Ray driving. 210 km.  N  050 05’ 45.0’’ W 0010 19’ 32.9’’

Day 11 – 4/4/12

We had a very early start to the day, up at 05:15 so we could be on the road by 06:00 and at Kakum National Park by 07:00. There we did a nature walk, with lots of information about how the local folks use the trees/plants for medicinal purposes and then the aerial walkway. This is ~ 30 m above the rain forest floor and along the canopy. We saw some Mona monkeys whilst on the ropeway. The NP is nice, without being spectacular. As with the rest of Ghana, we found is very expensive.

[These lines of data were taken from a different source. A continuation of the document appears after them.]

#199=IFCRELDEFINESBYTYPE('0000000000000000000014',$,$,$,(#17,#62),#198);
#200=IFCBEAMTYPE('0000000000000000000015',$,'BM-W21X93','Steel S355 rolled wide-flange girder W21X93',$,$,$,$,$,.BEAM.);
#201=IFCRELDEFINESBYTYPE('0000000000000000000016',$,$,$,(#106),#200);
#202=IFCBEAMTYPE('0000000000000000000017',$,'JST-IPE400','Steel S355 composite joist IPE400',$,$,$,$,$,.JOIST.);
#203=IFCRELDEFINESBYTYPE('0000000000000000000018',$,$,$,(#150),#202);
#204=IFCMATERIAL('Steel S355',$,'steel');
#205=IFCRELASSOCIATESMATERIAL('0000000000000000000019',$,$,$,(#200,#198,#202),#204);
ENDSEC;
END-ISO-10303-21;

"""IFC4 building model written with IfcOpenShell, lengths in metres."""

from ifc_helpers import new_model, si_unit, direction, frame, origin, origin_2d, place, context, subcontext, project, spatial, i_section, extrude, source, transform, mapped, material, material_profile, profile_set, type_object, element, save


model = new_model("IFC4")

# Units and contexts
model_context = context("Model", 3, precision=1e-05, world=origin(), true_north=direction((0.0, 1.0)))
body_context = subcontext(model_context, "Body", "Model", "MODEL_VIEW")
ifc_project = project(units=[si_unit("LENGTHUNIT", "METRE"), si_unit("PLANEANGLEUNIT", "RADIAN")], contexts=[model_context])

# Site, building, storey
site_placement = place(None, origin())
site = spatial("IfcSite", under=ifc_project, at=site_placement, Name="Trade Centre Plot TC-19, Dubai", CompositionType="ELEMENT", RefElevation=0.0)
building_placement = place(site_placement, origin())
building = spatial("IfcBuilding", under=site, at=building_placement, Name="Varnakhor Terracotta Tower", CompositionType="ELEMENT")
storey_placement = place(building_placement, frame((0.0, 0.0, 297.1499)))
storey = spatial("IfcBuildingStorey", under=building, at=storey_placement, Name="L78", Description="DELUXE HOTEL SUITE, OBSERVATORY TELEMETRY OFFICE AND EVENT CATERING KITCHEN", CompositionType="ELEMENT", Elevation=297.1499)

We then had a fruit brunch, lots of delicious watermelon, mangoes and pineapples which Sunil bought from Accra. Then, sadly we needed to say goodbye to our friends. It was very exciting and relaxing to be with mates.

We then drove to the Strugglin Inn to meet up with Jan & Mariska, the overlanders we had bumped into at the fort yesterday. We spent some time chatting and getting to know them. We swapped information about the upcoming trip – they are heading south whilst we go North.

Our original intention had been to continue to the next stop, but we decided to stay a night here and camped almost on the beach. We had a BBQ, with a fire made by the staff – luxury. We also met up with a German couple who had recently cycled the route we are about to take and got some information from them.